Plants dominate life on land, but in the sea they are outweighed by animals. The ocean contains less than one per cent of plant biomass, but the proportion for animals is much larger. Yet the annual production of organic matter is about the same on land and in water. The realization that the ocean's animals are fed by a thin soup of minute algae — the phytoplankton — did not emerge gradually but was the inspiration of one man, Victor Hensen, who published his revolutionary thoughts in 1887.

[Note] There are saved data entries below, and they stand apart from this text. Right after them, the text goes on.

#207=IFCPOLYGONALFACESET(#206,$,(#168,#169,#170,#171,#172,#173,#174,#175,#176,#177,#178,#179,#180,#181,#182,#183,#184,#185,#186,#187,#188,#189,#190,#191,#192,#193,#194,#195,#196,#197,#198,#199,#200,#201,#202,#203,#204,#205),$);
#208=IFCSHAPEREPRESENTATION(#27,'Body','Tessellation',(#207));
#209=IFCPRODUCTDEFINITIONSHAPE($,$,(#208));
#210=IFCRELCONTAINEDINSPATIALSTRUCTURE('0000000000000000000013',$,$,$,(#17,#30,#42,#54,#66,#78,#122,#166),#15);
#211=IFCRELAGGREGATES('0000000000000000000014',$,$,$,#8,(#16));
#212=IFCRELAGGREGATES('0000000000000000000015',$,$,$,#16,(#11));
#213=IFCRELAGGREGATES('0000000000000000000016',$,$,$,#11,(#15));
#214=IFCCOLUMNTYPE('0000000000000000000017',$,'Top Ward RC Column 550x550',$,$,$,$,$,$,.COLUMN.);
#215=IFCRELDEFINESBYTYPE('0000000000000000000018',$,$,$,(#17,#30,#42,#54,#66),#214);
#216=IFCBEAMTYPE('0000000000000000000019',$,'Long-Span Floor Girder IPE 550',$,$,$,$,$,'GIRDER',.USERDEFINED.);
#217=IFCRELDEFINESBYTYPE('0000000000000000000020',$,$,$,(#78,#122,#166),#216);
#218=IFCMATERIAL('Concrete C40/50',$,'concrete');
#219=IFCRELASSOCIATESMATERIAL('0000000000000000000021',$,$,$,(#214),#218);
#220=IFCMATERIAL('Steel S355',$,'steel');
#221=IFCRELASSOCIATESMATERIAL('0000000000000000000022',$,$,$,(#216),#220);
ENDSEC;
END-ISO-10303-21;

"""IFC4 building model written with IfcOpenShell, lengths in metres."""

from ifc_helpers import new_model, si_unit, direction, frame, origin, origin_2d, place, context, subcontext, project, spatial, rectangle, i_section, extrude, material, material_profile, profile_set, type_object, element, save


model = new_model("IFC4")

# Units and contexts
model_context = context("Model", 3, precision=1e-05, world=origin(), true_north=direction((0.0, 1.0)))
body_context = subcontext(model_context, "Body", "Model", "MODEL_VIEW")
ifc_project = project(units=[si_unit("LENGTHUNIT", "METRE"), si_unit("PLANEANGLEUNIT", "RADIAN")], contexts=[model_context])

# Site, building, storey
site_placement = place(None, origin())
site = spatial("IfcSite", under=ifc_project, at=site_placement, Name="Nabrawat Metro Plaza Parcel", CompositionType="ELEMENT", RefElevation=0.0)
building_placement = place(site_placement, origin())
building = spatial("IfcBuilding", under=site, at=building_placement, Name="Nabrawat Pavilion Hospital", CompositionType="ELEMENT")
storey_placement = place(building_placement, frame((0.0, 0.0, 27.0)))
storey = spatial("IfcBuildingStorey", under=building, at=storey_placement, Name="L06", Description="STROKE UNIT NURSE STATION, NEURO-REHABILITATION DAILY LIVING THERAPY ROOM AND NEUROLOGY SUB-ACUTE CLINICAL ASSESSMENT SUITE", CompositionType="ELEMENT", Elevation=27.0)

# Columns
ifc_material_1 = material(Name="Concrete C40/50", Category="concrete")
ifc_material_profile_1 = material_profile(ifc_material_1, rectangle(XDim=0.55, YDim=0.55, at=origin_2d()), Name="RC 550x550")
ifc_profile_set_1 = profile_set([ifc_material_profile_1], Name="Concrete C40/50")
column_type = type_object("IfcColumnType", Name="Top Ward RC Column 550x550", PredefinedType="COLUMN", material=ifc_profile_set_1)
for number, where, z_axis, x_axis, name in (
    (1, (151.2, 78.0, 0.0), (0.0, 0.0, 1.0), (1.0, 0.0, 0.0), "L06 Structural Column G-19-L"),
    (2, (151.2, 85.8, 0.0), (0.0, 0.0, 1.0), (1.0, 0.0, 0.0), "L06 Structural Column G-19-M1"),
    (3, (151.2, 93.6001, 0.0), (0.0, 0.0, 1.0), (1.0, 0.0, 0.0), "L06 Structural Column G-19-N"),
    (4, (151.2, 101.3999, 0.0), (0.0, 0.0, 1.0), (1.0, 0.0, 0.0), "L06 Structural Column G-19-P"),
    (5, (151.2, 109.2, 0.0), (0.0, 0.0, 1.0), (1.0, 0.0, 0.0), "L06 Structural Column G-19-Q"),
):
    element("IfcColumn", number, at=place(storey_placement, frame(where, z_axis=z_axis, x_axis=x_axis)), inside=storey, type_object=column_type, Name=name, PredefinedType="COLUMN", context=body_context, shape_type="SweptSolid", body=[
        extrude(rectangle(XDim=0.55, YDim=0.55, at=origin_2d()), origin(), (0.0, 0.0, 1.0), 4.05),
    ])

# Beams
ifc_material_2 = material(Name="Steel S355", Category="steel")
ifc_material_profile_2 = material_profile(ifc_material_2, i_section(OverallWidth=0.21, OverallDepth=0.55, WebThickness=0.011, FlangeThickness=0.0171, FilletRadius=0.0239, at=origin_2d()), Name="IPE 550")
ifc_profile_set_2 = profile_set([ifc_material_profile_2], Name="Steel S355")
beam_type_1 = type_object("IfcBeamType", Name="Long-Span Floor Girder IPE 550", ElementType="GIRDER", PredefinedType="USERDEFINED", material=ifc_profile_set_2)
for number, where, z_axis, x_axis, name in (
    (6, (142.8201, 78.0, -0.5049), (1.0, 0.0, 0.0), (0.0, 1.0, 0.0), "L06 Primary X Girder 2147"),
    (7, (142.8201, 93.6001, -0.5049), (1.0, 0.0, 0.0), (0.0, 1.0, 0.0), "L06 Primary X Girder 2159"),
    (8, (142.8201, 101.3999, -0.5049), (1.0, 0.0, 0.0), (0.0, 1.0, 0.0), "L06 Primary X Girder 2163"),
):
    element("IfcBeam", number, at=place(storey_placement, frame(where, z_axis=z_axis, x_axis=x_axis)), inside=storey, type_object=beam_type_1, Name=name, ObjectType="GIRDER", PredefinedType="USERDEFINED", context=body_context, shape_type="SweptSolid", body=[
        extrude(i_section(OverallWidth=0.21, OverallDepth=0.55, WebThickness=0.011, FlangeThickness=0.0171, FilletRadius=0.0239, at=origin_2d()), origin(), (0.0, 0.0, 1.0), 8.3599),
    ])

The study of planktonic organisms had begun 50 years earlier, but scientists believed that the food supply for all the ocean's animals was provided by rivers and coastal vegetation. They seemed unable to conceive that the small could feed the large. Hensen's thinking was revolutionary in both senses of the word: he thought of planktonic populations as rapidly revolving links in a food-chain leading from the very small to the very large and he applied this conceptual framework, which he called the “metabolism of the sea”, to the quantitative study of ocean biology. This upset received wisdom, and launched a new discipline. The ridicule heaped upon him by leading scientists of the day testifies to the novelty of his thinking.

Hensen, a professor of medical physiology at Kiel University, was drawn to the study of the sea by the plight of the German fisheries, reeling under fluctuating fish stocks. His aim was to provide fisheries management with a true scientific basis; to him the clear first step was a reliable estimate of the “yield of the sea”. Since direct assessment of fish stocks was not feasible, Hensen reasoned that the distribution and abundance of fish eggs, provided that they were dispersed uniformly by the currents, should provide a measure of population size. Hensen observed dispersion rates by following glass floats, and convinced himself that the eggs would indeed be distributed uniformly. So he designed some quantitative sampling methods and started counting eggs.

A net designed to sample fish eggs will also collect plankton, and Hensen's vision must have emerged in the many hours spent searching for eggs in thickets of plankton under the microscope. Unlike his predecessors, he looked beyond the trees, saw the forest, and developed his grand view of how oceans function. The time was ripe for a quantitative investigation of the primary food ( Urnahrung) of the marine animals.

Hensen braved the choppy Baltic in small boats and counted plankton in rough weather. His first publication on the subject was a 105-page monograph intended to present methods and preliminary results. In it he coins the term plankton — derived from Homer's Odyssey and implying aimless drifting. Hensen begins with the statement that plankton, as well as being “of interest for its systematics and anatomy”, was “without doubt of great importance for the entire metabolism of the sea”. In the last few pages he compared his estimates of plankton production per square metre with that of agricultural fields and conjectured that plankton was equally, if not more, productive.

We now know that Hensen's conjecture was too high by a factor of five. Further, his methods should have given much lower estimates, because his nets collected only a fraction of the total plankton. Added to this, phytoplankton blooms (when his catches were large) were restricted to only a number of weeks in the year. Clearly he had made up his mind before acquiring the data. The school established by Hensen at Kiel University proved the importance of plankton and based modern biological and chemical oceanography on an agricultural model. Although Hensen's belief in the uniform distribution of plankton and the adequacy of his methods was disproved by his colleagues, he defended them right up to his last paper, published posthumously in 1926. He was forced onto the defensive by biologists working on systematics and anatomy, with Ernst Haeckel, the formidable Darwinian and meticulous draughtsman of plankton (as seen in the drawings in this article), at the forefront.

Haeckel seems to have believed that small is beautiful, but not important, and his mentor Johannes Müller, who launched the study of plankton in the 1830s, jokingly called it “philosophical dirt”.

Haeckel attacked Hensen's methods, data and “quantifications”. Haeckel's works, including his attacks, were translated into English. Hensen's works were not translated, and Haeckel's name has endured while Hensen's has faded.

Fisheries still reel from fluctuating fish stocks and the causes are still being debated, although we have a fairly accurate estimate of production from the ocean and of yield from the sea. The ratio of these is about 600:1 — so where is all the production going, and what determines how much of it enters the fish pool?

Such questions cannot be answered using the agricultural model. So do we need another revolution? Whatever the substance of the research in the future, Hensen's revolution will persist: plankton is indeed the provider.